# Can i connect my Generator's neutral line with Grid's or Government neutral line?



## neeraj26jan (Apr 30, 2020)

Hi, I have a question. Right now i have connected my Generator's neutral line directly with Grid's or main line neutral and switching only between the phase of main line and phase of generator to give power supply to my house. However it does not cause any issue but still i am not sure whether is it safe or not. Can experts advice me in this regards. Thanks in advance.


----------



## drmerdp (Apr 10, 2018)

You have it correct. Neutral gets connected to the same bus bar that your mains neutral is connected to. If its your main panel and not a subpanel then your ground connection is likely on the same bus as well. 
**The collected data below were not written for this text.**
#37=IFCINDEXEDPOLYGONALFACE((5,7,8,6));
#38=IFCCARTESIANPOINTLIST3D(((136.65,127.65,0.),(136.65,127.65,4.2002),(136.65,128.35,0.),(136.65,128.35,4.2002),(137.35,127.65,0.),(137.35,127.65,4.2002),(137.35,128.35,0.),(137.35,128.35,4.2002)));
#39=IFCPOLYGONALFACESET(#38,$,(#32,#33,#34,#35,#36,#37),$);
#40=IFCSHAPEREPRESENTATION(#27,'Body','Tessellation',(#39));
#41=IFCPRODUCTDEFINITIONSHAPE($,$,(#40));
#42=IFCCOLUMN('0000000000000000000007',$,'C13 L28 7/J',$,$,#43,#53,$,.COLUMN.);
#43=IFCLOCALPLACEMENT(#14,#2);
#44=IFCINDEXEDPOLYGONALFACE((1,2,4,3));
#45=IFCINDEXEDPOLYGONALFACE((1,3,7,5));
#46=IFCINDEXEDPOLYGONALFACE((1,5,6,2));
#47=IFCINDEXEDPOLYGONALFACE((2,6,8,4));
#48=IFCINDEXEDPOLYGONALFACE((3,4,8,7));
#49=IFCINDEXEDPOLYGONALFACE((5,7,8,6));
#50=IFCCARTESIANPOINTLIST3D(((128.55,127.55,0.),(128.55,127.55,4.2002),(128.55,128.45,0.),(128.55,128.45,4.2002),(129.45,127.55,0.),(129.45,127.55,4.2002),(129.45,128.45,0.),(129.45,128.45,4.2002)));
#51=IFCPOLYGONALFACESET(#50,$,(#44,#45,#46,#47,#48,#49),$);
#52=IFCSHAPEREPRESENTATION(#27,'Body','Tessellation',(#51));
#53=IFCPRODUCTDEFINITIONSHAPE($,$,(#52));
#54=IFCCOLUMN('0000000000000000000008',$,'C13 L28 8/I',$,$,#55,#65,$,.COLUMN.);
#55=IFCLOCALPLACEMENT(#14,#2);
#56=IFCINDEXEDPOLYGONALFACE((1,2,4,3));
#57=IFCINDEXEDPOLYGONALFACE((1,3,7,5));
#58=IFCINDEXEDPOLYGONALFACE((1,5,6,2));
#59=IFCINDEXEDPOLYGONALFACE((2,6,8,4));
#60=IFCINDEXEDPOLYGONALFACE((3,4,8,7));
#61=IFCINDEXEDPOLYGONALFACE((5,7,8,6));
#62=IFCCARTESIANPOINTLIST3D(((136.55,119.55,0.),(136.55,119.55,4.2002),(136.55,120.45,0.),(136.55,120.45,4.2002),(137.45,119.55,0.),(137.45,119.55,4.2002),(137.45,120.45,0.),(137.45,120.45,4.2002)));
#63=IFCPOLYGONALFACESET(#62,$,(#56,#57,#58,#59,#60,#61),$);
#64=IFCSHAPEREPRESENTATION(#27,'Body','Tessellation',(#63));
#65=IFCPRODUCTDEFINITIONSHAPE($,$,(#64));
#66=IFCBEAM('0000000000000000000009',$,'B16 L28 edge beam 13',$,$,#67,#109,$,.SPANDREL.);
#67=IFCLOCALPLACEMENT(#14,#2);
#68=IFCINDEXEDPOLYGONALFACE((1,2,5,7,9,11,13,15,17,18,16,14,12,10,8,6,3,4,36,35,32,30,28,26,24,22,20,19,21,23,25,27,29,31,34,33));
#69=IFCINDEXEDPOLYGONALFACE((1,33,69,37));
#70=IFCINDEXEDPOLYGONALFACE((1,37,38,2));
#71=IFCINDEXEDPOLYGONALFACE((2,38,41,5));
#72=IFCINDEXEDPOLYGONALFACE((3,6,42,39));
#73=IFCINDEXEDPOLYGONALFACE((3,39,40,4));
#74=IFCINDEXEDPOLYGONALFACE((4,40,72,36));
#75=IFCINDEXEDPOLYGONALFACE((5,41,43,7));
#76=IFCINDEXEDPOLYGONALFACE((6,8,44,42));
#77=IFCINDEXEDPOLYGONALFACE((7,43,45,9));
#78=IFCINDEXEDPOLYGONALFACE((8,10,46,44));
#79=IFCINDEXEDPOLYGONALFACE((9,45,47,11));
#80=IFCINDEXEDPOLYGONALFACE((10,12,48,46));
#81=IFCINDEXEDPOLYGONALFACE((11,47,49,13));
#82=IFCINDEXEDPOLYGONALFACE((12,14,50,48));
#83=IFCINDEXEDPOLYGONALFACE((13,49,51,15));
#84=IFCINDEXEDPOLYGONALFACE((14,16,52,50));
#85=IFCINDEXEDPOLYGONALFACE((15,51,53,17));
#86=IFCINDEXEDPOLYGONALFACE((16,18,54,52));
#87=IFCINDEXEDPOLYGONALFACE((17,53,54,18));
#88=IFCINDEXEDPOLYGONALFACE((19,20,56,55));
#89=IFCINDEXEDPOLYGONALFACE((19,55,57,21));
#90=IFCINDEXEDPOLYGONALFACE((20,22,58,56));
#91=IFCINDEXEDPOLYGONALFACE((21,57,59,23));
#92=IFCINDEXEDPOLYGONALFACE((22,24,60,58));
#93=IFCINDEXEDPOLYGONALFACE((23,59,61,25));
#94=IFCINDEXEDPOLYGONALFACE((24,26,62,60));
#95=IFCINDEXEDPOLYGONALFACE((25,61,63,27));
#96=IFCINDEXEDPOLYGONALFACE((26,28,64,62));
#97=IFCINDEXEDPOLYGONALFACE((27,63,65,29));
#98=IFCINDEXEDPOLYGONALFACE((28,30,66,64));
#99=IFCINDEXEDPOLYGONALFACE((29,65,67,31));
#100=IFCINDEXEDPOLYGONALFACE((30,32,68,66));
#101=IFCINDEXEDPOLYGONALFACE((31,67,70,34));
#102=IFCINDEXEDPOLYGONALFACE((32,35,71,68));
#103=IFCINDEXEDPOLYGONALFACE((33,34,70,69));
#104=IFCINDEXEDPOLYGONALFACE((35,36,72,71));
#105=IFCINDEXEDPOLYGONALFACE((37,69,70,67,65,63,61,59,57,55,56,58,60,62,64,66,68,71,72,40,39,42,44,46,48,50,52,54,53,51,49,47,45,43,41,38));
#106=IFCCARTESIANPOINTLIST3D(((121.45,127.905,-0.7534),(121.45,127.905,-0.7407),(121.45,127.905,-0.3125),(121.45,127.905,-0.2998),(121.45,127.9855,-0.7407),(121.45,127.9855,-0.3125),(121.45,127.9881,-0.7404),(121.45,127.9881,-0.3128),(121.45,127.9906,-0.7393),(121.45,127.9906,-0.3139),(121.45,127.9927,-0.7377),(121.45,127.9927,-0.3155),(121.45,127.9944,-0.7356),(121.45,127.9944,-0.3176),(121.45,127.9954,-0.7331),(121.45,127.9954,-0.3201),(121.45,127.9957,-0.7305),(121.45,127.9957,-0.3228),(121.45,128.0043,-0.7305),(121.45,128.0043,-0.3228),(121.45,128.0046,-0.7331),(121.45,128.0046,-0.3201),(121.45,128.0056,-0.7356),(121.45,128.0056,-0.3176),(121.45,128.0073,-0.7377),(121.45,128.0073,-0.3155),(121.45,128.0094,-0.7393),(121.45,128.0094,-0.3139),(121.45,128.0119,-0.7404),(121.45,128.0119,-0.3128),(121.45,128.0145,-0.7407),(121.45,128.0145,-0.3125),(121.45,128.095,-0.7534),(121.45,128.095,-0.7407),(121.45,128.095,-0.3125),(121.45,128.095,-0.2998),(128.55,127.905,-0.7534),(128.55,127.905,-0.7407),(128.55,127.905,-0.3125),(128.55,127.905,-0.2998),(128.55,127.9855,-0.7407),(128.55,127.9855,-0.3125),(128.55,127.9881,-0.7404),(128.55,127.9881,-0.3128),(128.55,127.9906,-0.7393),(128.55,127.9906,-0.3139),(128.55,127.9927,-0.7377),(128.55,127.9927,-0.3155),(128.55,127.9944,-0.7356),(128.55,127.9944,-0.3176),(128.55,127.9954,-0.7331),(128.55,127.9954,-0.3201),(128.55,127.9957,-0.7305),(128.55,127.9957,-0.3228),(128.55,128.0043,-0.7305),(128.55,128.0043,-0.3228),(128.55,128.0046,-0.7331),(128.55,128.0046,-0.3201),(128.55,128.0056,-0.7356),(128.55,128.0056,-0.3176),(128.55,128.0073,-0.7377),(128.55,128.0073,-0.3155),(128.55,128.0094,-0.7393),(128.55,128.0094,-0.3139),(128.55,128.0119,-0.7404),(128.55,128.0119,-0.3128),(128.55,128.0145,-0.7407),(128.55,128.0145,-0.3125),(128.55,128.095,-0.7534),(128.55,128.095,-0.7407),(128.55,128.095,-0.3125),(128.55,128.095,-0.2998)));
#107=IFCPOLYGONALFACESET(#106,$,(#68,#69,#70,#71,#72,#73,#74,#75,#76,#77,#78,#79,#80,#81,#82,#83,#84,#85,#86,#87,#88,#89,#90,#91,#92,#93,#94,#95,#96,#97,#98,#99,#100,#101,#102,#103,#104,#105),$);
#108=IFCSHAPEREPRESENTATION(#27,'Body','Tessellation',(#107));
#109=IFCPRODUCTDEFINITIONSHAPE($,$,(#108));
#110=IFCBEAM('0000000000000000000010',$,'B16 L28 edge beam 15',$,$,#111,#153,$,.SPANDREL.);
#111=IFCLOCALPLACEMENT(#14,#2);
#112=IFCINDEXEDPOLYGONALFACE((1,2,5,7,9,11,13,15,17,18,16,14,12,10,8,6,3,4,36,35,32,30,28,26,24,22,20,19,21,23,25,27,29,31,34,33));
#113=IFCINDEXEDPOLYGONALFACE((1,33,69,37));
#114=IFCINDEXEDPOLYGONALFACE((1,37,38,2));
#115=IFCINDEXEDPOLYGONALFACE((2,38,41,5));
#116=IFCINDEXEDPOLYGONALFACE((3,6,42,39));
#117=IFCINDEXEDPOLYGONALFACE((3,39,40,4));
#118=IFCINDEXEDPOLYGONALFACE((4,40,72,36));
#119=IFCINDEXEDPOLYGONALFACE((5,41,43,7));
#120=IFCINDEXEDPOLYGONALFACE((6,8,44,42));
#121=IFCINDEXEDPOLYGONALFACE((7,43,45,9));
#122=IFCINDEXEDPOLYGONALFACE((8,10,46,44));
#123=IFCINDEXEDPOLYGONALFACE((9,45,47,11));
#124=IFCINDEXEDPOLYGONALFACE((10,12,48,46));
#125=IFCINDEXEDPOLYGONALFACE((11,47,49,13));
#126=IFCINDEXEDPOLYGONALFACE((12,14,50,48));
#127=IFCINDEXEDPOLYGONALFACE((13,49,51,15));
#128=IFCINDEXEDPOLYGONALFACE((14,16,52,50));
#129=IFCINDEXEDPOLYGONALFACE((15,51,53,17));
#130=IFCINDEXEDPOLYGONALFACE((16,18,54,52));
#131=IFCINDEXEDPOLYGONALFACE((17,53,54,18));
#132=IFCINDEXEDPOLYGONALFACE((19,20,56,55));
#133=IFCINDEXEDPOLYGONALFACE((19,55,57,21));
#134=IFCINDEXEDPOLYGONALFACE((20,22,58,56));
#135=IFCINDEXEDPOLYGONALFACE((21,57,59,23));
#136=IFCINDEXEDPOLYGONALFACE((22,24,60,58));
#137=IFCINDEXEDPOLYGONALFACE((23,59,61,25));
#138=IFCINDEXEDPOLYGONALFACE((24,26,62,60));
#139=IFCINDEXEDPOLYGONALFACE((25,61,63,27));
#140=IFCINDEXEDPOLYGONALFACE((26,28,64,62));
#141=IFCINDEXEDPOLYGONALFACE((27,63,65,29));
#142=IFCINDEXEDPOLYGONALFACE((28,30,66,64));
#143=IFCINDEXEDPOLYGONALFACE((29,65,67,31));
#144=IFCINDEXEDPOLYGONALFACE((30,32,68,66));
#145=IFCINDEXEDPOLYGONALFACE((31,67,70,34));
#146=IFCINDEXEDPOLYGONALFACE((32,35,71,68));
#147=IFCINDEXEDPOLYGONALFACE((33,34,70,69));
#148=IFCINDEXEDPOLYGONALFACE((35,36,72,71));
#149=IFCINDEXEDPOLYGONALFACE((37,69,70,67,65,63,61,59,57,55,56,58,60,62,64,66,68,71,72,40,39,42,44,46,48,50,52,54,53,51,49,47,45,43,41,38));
Only the hot leg gets switched. 

What country and what means of feeding your house are you using? Manual transfer switch? Interlock?


----------



## neeraj26jan (Apr 30, 2020)

drmerdp said:


> You have it correct. Neutral gets connected to the same bus bar that your mains neutral is connected to. If its your main panel and not a subpanel then your ground connection is likely on the same bus as well.
> 
> Only the hot leg gets switched.
> 
> What country and what means of feeding your house are you using? Manual transfer switch? Interlock?


Thank your for your reply. I am from India, that is a main panel and i am using a manual transfer switch.


----------



## iowagold (Jan 22, 2020)

make sure you have proper grounding on the house or building!
India wiring is dicey at best in some areas!!
lol
in other areas it is just outright scary!! lol
at least from the videos that I have seen!!
hey snap a few pix of your service panel and the outside of the building where it connects to the utility!!
then we can see exactly what you have to start with!!

what are the rules in your India city for electrical work on buildings??
do you need permits? and are there rules where any electrical must be performed by an certified electrical guy?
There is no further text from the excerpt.